Embora saiba que esta não é uma posição popular, afirmo abertamente que sou um adepto da acção ASAE - a (para muitos famigerada) Agência de Segurança Alimentar e Económica.O trabalho da ASAE repercute um tempo novo na defesa dos direitos dos consumidores portugueses e, por mim, não estou minimamente disponível para me juntar ao coro populista de quantos acham que o nosso país viveria melhor sem essa estrutura de controlo de serviços e, em especial, aos que entendem que Portugal deve manter-se liberalmente no mundo do "jeitinho" e da flexibilização de procedimentos. Às vezes, com patéticos argumentos de tradicionalismo e de românticas pulsões saudosistas.
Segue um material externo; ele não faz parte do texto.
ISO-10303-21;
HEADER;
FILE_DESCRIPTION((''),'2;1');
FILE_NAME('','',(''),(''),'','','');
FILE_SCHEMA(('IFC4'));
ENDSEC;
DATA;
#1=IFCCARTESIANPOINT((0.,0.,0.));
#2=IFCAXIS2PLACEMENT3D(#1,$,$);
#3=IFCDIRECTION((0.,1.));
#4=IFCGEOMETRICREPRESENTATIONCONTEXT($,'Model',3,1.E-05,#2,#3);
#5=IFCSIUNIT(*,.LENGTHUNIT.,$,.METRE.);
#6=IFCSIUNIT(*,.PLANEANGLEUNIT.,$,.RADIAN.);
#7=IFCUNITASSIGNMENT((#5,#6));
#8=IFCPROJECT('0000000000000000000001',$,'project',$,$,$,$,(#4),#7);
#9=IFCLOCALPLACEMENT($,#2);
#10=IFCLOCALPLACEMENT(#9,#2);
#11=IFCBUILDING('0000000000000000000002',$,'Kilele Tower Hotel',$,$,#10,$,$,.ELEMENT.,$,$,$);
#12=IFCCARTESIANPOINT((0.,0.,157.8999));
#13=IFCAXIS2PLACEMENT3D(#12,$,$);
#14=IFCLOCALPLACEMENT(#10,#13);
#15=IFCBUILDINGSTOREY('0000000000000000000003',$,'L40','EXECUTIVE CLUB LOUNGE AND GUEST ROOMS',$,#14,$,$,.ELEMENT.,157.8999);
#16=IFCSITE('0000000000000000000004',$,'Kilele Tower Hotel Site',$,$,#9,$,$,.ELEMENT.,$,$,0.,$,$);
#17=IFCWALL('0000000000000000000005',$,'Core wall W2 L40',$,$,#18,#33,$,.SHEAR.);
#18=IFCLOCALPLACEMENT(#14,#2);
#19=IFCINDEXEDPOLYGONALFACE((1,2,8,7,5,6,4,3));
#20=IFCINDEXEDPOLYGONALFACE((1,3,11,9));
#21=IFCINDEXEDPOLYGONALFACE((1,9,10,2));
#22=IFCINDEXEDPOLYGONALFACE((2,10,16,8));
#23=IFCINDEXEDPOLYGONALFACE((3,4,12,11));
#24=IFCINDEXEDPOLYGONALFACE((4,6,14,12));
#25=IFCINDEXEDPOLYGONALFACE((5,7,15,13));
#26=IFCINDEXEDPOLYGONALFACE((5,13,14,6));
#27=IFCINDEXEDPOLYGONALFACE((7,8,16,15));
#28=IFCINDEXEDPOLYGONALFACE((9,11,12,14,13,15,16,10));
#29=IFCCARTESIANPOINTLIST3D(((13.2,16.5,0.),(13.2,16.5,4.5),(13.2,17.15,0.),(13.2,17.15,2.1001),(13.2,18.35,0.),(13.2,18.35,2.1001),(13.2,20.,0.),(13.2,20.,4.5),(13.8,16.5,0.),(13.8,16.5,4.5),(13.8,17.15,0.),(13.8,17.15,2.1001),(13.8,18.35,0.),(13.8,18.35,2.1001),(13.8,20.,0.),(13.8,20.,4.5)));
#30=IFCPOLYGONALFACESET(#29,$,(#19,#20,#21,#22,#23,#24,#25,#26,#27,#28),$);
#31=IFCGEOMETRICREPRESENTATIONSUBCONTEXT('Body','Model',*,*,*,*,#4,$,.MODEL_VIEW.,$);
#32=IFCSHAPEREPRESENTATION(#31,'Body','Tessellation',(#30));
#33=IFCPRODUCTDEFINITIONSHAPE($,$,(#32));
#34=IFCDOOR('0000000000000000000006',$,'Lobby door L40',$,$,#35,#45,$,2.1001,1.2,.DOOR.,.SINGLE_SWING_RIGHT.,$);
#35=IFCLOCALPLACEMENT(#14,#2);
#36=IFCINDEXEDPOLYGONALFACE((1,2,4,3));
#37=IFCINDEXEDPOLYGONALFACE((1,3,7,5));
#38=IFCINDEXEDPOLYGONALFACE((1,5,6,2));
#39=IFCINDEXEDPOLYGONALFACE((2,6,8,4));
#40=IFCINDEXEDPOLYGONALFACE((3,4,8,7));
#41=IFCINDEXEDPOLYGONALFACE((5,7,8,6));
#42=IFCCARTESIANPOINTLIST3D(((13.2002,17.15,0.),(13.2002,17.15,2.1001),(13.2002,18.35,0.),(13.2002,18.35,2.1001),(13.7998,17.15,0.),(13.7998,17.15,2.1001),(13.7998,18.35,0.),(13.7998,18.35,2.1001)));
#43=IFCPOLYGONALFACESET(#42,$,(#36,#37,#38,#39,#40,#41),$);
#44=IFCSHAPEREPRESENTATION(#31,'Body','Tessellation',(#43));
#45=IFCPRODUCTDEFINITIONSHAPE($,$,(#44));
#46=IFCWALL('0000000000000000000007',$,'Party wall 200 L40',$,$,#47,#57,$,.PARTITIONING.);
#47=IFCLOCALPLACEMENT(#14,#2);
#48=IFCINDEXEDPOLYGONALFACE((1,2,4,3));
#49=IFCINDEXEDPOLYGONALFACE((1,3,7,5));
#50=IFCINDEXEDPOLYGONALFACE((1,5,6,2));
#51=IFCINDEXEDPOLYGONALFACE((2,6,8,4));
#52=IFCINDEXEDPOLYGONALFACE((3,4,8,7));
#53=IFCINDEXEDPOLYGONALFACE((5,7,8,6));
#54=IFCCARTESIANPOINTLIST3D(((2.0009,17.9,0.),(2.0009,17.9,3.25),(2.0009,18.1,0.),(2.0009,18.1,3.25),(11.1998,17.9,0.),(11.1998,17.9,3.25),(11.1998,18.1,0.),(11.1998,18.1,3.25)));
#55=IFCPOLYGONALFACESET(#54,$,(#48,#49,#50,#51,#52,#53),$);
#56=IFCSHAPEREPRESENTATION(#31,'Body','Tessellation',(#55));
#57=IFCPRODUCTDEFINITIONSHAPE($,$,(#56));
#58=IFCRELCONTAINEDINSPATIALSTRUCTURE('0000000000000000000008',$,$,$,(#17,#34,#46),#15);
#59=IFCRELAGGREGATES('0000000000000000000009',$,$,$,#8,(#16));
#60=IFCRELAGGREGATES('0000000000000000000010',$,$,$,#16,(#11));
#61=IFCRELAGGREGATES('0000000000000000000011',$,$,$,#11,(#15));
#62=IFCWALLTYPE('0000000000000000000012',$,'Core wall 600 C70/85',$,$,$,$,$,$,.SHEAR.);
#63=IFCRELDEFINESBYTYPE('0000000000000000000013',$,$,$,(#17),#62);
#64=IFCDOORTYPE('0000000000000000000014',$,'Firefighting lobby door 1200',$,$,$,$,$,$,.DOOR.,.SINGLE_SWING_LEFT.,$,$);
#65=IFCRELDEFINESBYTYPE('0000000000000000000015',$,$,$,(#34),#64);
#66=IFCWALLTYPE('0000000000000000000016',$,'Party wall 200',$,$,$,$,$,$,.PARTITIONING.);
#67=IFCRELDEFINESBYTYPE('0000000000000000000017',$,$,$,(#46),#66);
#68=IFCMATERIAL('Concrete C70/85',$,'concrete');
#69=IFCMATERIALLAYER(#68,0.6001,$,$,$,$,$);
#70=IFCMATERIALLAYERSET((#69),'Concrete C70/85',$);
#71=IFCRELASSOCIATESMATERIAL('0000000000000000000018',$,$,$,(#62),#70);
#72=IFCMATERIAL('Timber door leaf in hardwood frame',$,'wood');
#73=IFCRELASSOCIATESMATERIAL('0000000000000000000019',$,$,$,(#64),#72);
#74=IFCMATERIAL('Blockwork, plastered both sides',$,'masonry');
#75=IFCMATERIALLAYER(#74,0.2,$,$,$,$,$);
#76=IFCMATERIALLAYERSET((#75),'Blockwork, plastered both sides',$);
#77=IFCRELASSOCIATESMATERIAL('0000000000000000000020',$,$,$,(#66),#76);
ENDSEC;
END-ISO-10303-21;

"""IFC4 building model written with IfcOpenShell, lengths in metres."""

from ifc_helpers import new_model, si_unit, direction, frame, frame_2d, origin, place, context, subcontext, project, spatial, rectangle, extrude, material, layer, layer_set, type_object, element, fill, save


model = new_model("IFC4")

# Units and contexts
model_context = context("Model", 3, precision=1e-05, world=origin(), true_north=direction((0.0, 1.0)))
body_context = subcontext(model_context, "Body", "Model", "MODEL_VIEW")
ifc_project = project(units=[si_unit("LENGTHUNIT", "METRE"), si_unit("PLANEANGLEUNIT", "RADIAN")], contexts=[model_context])

# Site, building, storey
site_placement = place(None, origin())
site = spatial("IfcSite", under=ifc_project, at=site_placement, Name="Kilele Tower Hotel Site", CompositionType="ELEMENT", RefElevation=0.0)
building_placement = place(site_placement, origin())
building = spatial("IfcBuilding", under=site, at=building_placement, Name="Kilele Tower Hotel", CompositionType="ELEMENT")
storey_placement = place(building_placement, frame((0.0, 0.0, 157.8999)))
storey = spatial("IfcBuildingStorey", under=building, at=storey_placement, Name="L40", Description="EXECUTIVE CLUB LOUNGE AND GUEST ROOMS", CompositionType="ELEMENT", Elevation=157.8999)

# Shared definitions
ifc_material_1 = material(Name="Concrete C70/85", Category="concrete")
ifc_layer_1 = layer(ifc_material_1, 0.6001)
ifc_layer_set_1 = layer_set([ifc_layer_1], Name="Concrete C70/85")
wall_type_1 = type_object("IfcWallType", Name="Core wall 600 C70/85", PredefinedType="SHEAR", material=ifc_layer_set_1)

# Wall, opening, door
wall_1_placement = place(storey_placement, frame((13.5, 20.0, 0.0), z_axis=(0.0, 0.0, 1.0), x_axis=(0.0, -1.0, 0.0)))
wall_1 = element("IfcWall", 1, at=wall_1_placement, inside=storey, type_object=wall_type_1, Name="Core wall W2 L40", PredefinedType="SHEAR", context=body_context, shape_type="SweptSolid", body=[
    extrude(rectangle(XDim=3.5, YDim=0.6001, at=frame_2d((1.75, 0.0))), origin(), (0.0, 0.0, 1.0), 4.5),
])
opening_1_placement = place(wall_1_placement, frame((1.6499, 0.0, 0.0)))
opening_1 = element("IfcOpeningElement", 2, at=opening_1_placement, cuts=wall_1, PredefinedType="OPENING", context=body_context, shape_type="SweptSolid", body=[
    extrude(rectangle(XDim=1.2, YDim=2.1001, at=frame_2d((0.6001, 1.05))), frame((0.0, 0.3101, 0.0), z_axis=(0.0, -1.0, 0.0), x_axis=(1.0, 0.0, 0.0)), (0.0, 0.0, 1.0), 0.6201),
])
ifc_material_2 = material(Name="Timber door leaf in hardwood frame", Category="wood")
door_type_1 = type_object("IfcDoorType", Name="Firefighting lobby door 1200", OperationType="SINGLE_SWING_LEFT", PredefinedType="DOOR", material=ifc_material_2)
door_1_placement = place(opening_1_placement, origin())
door_1 = element("IfcDoor", 3, at=door_1_placement, inside=storey, type_object=door_type_1, Name="Lobby door L40", OperationType="SINGLE_SWING_RIGHT", OverallHeight=2.1001, OverallWidth=1.2, PredefinedType="DOOR", context=body_context, shape_type="SweptSolid", body=[
    extrude(rectangle(XDim=1.2, YDim=2.1001, at=frame_2d((0.6001, 1.05))), frame((0.0, 0.2998, 0.0), z_axis=(0.0, -1.0, 0.0), x_axis=(1.0, 0.0, 0.0)), (0.0, 0.0, 1.0), 0.5996),
])
fill(opening_1, door_1)

# Wall
ifc_material_3 = material(Name="Blockwork, plastered both sides", Category="masonry")
ifc_layer_2 = layer(ifc_material_3, 0.2)
ifc_layer_set_2 = layer_set([ifc_layer_2], Name="Blockwork, plastered both sides")
wall_type_2 = type_object("IfcWallType", Name="Party wall 200", PredefinedType="PARTITIONING", material=ifc_layer_set_2)
wall_2_placement = place(storey_placement, frame((11.2, 18.0, 0.0), z_axis=(0.0, 0.0, 1.0), x_axis=(-1.0, 0.0, 0.0)))
element("IfcWall", 4, at=wall_2_placement, inside=storey, type_object=wall_type_2, Name="Party wall 200 L40", PredefinedType="PARTITIONING", context=body_context, shape_type="SweptSolid", body=[
    extrude(rectangle(XDim=9.199, YDim=0.2, at=frame_2d((4.5996, 0.0))), origin(), (0.0, 0.0, 1.0), 3.25),
])

save(model, "model.ifc")
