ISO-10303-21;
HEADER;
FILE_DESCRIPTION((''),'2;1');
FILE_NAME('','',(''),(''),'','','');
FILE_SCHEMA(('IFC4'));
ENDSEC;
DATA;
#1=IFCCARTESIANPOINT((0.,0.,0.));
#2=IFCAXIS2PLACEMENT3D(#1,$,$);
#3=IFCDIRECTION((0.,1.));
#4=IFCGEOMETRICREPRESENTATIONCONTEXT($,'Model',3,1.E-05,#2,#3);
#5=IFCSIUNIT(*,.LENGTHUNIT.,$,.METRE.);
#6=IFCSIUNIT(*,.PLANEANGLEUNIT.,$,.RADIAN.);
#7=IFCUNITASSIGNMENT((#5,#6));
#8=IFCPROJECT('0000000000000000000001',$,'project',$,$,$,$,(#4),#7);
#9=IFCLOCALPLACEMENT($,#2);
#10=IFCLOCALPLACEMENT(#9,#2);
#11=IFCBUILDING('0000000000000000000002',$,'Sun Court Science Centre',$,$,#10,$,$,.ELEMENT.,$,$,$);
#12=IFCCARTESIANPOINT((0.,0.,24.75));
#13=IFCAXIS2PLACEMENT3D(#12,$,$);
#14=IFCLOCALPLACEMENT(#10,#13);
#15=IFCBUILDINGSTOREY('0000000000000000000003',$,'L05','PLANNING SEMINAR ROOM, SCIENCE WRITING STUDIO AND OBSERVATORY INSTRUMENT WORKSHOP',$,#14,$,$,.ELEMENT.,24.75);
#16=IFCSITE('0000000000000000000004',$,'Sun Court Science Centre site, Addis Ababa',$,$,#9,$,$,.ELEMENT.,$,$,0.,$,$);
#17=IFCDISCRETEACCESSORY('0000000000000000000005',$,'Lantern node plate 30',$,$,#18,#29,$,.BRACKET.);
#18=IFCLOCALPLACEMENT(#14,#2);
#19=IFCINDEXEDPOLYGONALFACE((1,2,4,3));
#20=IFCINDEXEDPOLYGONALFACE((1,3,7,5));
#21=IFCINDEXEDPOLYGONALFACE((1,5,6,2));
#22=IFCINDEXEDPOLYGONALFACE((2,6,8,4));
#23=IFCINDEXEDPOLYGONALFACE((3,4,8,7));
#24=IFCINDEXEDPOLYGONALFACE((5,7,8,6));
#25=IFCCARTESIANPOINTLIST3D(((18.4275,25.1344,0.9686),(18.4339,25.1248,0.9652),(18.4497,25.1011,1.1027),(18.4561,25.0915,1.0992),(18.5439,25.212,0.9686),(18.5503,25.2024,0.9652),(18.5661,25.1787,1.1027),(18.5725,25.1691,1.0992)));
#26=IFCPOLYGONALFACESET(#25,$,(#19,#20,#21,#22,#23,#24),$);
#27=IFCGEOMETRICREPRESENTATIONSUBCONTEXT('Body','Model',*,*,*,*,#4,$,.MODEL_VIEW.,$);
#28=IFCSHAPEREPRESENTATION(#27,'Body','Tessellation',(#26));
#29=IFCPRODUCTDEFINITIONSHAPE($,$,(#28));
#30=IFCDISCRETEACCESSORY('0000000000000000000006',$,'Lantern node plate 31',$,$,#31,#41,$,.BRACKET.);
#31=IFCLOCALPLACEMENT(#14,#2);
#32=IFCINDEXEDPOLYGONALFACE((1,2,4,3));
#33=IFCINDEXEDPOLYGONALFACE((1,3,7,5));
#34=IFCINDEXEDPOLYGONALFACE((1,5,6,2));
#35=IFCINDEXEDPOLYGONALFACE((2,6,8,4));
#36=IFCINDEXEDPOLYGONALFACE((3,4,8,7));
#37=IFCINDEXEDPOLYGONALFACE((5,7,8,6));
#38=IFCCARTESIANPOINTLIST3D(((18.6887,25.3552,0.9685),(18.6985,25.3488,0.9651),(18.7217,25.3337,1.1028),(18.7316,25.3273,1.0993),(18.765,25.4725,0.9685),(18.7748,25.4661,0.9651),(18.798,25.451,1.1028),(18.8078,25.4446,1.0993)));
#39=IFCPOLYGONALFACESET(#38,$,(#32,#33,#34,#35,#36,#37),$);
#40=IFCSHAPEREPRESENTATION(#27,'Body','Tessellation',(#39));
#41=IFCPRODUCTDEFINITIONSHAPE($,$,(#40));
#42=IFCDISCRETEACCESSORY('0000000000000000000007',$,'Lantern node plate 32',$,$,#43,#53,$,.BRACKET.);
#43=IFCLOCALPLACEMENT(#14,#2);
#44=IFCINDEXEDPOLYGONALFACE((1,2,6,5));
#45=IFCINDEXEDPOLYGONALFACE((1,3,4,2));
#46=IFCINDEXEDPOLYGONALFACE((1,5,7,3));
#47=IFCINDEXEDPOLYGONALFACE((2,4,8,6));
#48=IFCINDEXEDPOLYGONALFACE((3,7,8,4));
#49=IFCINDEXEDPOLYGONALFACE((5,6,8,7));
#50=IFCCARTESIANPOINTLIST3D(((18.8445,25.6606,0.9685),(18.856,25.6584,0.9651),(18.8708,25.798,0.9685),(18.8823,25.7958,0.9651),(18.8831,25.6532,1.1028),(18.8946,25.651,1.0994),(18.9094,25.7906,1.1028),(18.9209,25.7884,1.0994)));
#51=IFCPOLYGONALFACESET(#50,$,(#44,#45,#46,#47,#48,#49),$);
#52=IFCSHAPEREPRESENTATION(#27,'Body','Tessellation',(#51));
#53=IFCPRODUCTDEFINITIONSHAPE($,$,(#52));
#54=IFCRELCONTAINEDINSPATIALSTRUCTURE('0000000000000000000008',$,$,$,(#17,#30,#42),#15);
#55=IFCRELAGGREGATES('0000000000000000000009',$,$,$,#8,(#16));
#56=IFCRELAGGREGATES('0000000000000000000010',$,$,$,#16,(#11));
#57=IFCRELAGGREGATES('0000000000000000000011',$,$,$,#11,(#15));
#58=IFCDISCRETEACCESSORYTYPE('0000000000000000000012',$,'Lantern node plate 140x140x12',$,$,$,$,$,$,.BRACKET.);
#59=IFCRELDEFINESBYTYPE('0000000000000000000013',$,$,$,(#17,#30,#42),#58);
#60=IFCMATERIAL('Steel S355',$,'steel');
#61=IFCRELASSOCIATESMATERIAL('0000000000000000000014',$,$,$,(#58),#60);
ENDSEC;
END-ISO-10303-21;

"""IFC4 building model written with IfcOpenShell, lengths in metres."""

from ifc_helpers import new_model, si_unit, direction, frame, origin, origin_2d, place, context, subcontext, project, spatial, rectangle, extrude, material, material_profile, profile_set, type_object, element, save


model = new_model("IFC4")

# Units and contexts
model_context = context("Model", 3, precision=1e-05, world=origin(), true_north=direction((0.0, 1.0)))
body_context = subcontext(model_context, "Body", "Model", "MODEL_VIEW")
ifc_project = project(units=[si_unit("LENGTHUNIT", "METRE"), si_unit("PLANEANGLEUNIT", "RADIAN")], contexts=[model_context])

# Site, building, storey
site_placement = place(None, origin())
site = spatial("IfcSite", under=ifc_project, at=site_placement, Name="Sun Court Science Centre site, Addis Ababa", CompositionType="ELEMENT", RefElevation=0.0)
building_placement = place(site_placement, origin())
building = spatial("IfcBuilding", under=site, at=building_placement, Name="Sun Court Science Centre", CompositionType="ELEMENT")
storey_placement = place(building_placement, frame((0.0, 0.0, 24.75)))
storey = spatial("IfcBuildingStorey", under=building, at=storey_placement, Name="L05", Description="PLANNING SEMINAR ROOM, SCIENCE WRITING STUDIO AND OBSERVATORY INSTRUMENT WORKSHOP", CompositionType="ELEMENT", Elevation=24.75)

# Discrete accessories
ifc_material_1 = material(Name="Steel S355", Category="steel")
ifc_material_profile_1 = material_profile(ifc_material_1, rectangle(XDim=0.1399, YDim=0.1399, at=origin_2d()), Name="PL 140x140")
ifc_profile_set_1 = profile_set([ifc_material_profile_1], Name="Steel S355")
discrete_accessory_type = type_object("IfcDiscreteAccessoryType", Name="Lantern node plate 140x140x12", PredefinedType="BRACKET", material=ifc_profile_set_1)
for number, where, z_axis, x_axis, name in (
    (1, (18.5032, 25.147, 1.0322), (-0.531498, 0.797248, 0.286191), (-0.83205, -0.5547, 0.0), "Lantern node plate 30"),
):
    element("IfcDiscreteAccessory", number, at=place(storey_placement, frame(where, z_axis=z_axis, x_axis=x_axis)), inside=storey, type_object=discrete_accessory_type, Name=name, PredefinedType="BRACKET", context=body_context, shape_type="SweptSolid", body=[
        extrude(rectangle(XDim=0.1399, YDim=0.1399, at=origin_2d()), origin(), (0.0, 0.0, 1.0), 0.012),
    ])
for number, where, z_axis, x_axis, name in (
    (2, (18.7532, 25.3967, 1.0322), (-0.804518, 0.522937, 0.281581), (-0.544988, -0.838444, 0.0), "Lantern node plate 31"),
    (3, (18.8884, 25.7234, 1.0322), (-0.942643, 0.180506, 0.280787), (-0.188072, -0.982155, 0.0), "Lantern node plate 32"),
):
    element("IfcDiscreteAccessory", number, at=place(storey_placement, frame(where, z_axis=z_axis, x_axis=x_axis)), inside=storey, type_object=discrete_accessory_type, Name=name, PredefinedType="BRACKET", context=body_context, shape_type="SweptSolid", body=[
        extrude(rectangle(XDim=0.1399, YDim=0.1399, at=origin_2d()), origin(), (0.0, 0.0, 1.0), 0.0122),
    ])

save(model, "model.ifc")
Mas a ASAE, por mais eficaz que seja, tem ainda à sua frente um desafio que, a ser concretizado, constituiria a sua verdadeira coroa de glória: pôr na ordem o verdadeiro escândalo que constitui o serviço de táxis na zona das chegadas do Aeroporto de Lisboa.
Como diplomata, há anos que oiço, impotente, reclamações de amigos estrangeiros que se queixam do mau serviço prestado por muitos taxistas que operam nessa área, que vão desde a sua atitude pessoal deselegante (e isto é um refinado eufemismo) aos constantes abusos em matéria de preços e outras práticas que nós, portugueses, bem conhecemos. Aliás, chega a ser instrutivo falar com taxistas que não operam nessa zona - de onde eles próprios são excluídos, para evitar concorrência - para se ter uma melhor ideia do que se passa nessa espécie de "Chicago" da sua profissão.
Infelizmente, e como muitas outras pessoas, faço parte do grupo "cobarde" dos que preferem ir apanhar um táxi, no Aeroporto de Lisboa, à zona das partidas, para não ter de me confrontar com a elevada possibilidade de situações desagradáveis na zona das chegadas.
Se a ASAE conseguisse pôr cobro ao que se passa com os táxis nessa zona, estou certo que muitos lhe agradeceriam e que, com isso, a sua imagem pública melhoraria imenso.